Hallucinatory Domestication Theory (HDT): From In Silico Mechanism to In Vivo EEG Validation — Reproducible Package

This release documents the first in vivo empirical validation of the Hallucinatory Domestication Theory (HDT), previously established through a biologically constrained in silico computational framework. The objective of this publication is to demonstrate that HDT’s mechanistic predictions are not confined to simulation, but are operationally testable and observable in real human neural recordings.

HDT proposes that meaningful neural activity emerges through a structured dynamical cascade: generative high-entropy neural dynamics are stabilized through inhibitory domestication, crystallize into low-dimensional attractor states, become registered at the level of operational existence (rate coding), and are subsequently organized and coordinated via oscillatory framing and synchrony. A core quantitative prediction of this framework is that meaningful processing is marked not by sustained high complexity, but by a directed entropy collapse following structural stabilization.

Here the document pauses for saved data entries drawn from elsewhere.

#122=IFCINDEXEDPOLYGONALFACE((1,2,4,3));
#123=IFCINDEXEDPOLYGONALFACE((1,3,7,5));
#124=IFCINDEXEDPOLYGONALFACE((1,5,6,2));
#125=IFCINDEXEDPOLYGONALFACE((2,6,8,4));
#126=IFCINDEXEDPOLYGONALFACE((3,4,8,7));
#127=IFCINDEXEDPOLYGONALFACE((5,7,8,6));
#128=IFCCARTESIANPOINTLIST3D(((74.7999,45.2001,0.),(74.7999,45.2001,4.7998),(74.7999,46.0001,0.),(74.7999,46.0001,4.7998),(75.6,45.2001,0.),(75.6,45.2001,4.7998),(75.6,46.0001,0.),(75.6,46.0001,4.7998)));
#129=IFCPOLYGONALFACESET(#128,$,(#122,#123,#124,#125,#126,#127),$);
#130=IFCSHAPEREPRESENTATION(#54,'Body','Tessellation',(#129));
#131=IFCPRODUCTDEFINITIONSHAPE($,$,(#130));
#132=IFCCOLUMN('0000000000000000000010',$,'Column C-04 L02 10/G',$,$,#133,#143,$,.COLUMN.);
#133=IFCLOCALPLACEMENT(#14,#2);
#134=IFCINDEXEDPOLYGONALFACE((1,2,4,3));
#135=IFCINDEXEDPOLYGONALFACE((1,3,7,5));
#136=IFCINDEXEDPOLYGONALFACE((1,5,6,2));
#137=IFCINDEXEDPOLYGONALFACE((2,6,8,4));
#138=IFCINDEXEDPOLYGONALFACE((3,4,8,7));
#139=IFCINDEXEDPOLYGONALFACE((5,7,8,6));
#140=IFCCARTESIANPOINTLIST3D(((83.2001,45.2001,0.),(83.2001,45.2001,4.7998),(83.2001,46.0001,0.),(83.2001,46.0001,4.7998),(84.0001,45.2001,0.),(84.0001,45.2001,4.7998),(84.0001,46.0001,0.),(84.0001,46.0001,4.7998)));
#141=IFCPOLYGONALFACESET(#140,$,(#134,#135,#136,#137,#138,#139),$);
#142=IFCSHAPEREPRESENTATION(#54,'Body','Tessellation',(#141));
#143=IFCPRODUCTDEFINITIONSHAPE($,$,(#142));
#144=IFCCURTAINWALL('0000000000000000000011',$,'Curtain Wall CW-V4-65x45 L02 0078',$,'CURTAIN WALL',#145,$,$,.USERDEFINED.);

To test these predictions, we applied HDT-consistent metrics to a public auditory oddball EEG dataset (OpenNeuro ds003061). The validation pipeline operationalizes dynamic entropy using normalized Lempel–Ziv complexity (H_dyn), entropy collapse rate (D = dH_dyn/dt), phase-locking value (synchrony, S), phase–amplitude coupling (cross-frequency coupling, CFC), and a correlation-based proxy for attractor stability (A). All metrics were implemented in direct correspondence with the in silico model to enable quantitative cross-level comparison.

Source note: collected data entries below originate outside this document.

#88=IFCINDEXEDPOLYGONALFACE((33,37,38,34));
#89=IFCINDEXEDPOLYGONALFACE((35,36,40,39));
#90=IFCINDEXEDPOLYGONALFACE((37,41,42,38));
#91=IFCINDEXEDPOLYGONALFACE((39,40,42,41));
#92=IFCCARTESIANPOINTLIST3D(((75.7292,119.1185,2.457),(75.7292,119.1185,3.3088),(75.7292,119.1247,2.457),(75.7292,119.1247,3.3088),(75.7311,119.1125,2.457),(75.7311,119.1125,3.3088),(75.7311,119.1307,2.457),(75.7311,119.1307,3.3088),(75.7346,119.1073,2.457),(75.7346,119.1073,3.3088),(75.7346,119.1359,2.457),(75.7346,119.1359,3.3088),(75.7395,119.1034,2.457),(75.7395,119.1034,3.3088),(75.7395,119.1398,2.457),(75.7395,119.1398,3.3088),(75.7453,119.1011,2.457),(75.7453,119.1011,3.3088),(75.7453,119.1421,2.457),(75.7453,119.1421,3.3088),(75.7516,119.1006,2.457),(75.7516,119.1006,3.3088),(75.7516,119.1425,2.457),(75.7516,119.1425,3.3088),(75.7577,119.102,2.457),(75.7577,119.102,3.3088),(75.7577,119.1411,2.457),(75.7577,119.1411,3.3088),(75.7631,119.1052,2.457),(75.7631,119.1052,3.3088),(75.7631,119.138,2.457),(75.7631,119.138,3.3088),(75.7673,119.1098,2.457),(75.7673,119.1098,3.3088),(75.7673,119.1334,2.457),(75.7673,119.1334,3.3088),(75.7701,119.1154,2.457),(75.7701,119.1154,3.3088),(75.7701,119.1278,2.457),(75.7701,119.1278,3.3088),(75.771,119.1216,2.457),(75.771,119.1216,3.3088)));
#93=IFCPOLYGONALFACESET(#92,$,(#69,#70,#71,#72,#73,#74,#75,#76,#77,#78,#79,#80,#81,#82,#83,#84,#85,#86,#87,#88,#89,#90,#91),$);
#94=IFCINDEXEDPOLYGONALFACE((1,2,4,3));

The empirical results confirm HDT’s central dynamical predictions:

• Target stimuli exhibit approximately 21% entropy reduction (H_dyn decreasing from ~2.36 to ~1.86).
• Collapse rates reach peak negative values near −2.0, indicating active compression rather than static entropy differences.
• Temporal cascade analyses support the predicted ordering: cross-frequency coupling and synchrony precede or co-emerge with attractor stabilization, which in turn precedes entropy collapse.
• The lag between attractor stabilization and collapse (~0.20 s, r ≈ 0.90) demonstrates strong temporal alignment with the mechanistic model.
• Non-target trials do not exhibit the same structured cascade.

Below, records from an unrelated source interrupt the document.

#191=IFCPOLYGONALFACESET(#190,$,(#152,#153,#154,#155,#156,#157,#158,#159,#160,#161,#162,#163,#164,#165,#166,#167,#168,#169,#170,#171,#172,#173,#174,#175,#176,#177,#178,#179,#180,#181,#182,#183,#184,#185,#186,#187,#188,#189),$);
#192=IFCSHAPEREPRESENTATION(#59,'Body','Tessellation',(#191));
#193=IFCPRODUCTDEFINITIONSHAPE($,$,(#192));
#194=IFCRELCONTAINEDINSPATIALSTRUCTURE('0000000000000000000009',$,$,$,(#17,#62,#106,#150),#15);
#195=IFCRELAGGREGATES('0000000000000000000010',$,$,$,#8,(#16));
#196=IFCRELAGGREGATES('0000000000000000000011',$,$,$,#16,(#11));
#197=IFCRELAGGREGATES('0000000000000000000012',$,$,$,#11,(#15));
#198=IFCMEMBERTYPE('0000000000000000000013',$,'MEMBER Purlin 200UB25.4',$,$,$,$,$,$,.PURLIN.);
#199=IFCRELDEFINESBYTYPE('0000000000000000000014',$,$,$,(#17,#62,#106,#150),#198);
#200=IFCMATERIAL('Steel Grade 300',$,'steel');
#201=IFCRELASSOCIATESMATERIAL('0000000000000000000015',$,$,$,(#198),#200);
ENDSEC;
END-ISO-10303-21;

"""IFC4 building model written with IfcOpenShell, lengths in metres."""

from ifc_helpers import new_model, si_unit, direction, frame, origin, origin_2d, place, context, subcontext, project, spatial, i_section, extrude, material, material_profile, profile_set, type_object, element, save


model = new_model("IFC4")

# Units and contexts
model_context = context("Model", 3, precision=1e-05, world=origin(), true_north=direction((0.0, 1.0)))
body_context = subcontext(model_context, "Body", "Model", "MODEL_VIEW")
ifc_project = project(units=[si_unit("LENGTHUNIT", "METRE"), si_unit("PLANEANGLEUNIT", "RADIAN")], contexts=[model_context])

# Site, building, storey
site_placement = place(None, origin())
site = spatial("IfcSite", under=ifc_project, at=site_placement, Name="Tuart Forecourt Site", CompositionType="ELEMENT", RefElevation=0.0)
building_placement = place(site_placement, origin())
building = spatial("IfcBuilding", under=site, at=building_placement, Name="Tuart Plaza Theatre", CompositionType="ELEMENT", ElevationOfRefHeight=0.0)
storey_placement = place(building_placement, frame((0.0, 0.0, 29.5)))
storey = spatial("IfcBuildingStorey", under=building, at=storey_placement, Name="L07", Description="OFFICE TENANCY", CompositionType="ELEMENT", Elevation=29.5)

This convergence between in silico predictions and in vivo observations constitutes a cross-level mechanistic alignment rather than a post hoc interpretive match. While the present release represents a proof-of-principle single-subject validation, it establishes quantitative benchmarks and a fully reproducible operational pipeline for future multi-subject and comparative investigations.

The package includes:

• Full preprint manuscript detailing theoretical framework and empirical findings
• In Vivo Operational Guide with step-by-step reproducibility instructions
• Executable notebook implementing the full validation pipeline
• Exported CSV artifacts and figures
• Environment specifications for deterministic replication

The purpose of this release is to establish that HDT is an empirically testable and quantitatively grounded theory of neural meaning formation, bridging computational neuroscience and human electrophysiology. The results do not claim population-level generalization, clinical validity, or theoretical exclusivity; rather, they demonstrate that HDT generates precise, falsifiable, and reproducible predictions that manifest in real neural data.

This work marks the transition of HDT from a purely computational proposal to a cross-domain validated framework and provides a structured foundation for future experimental, comparative, and large-scale investigations.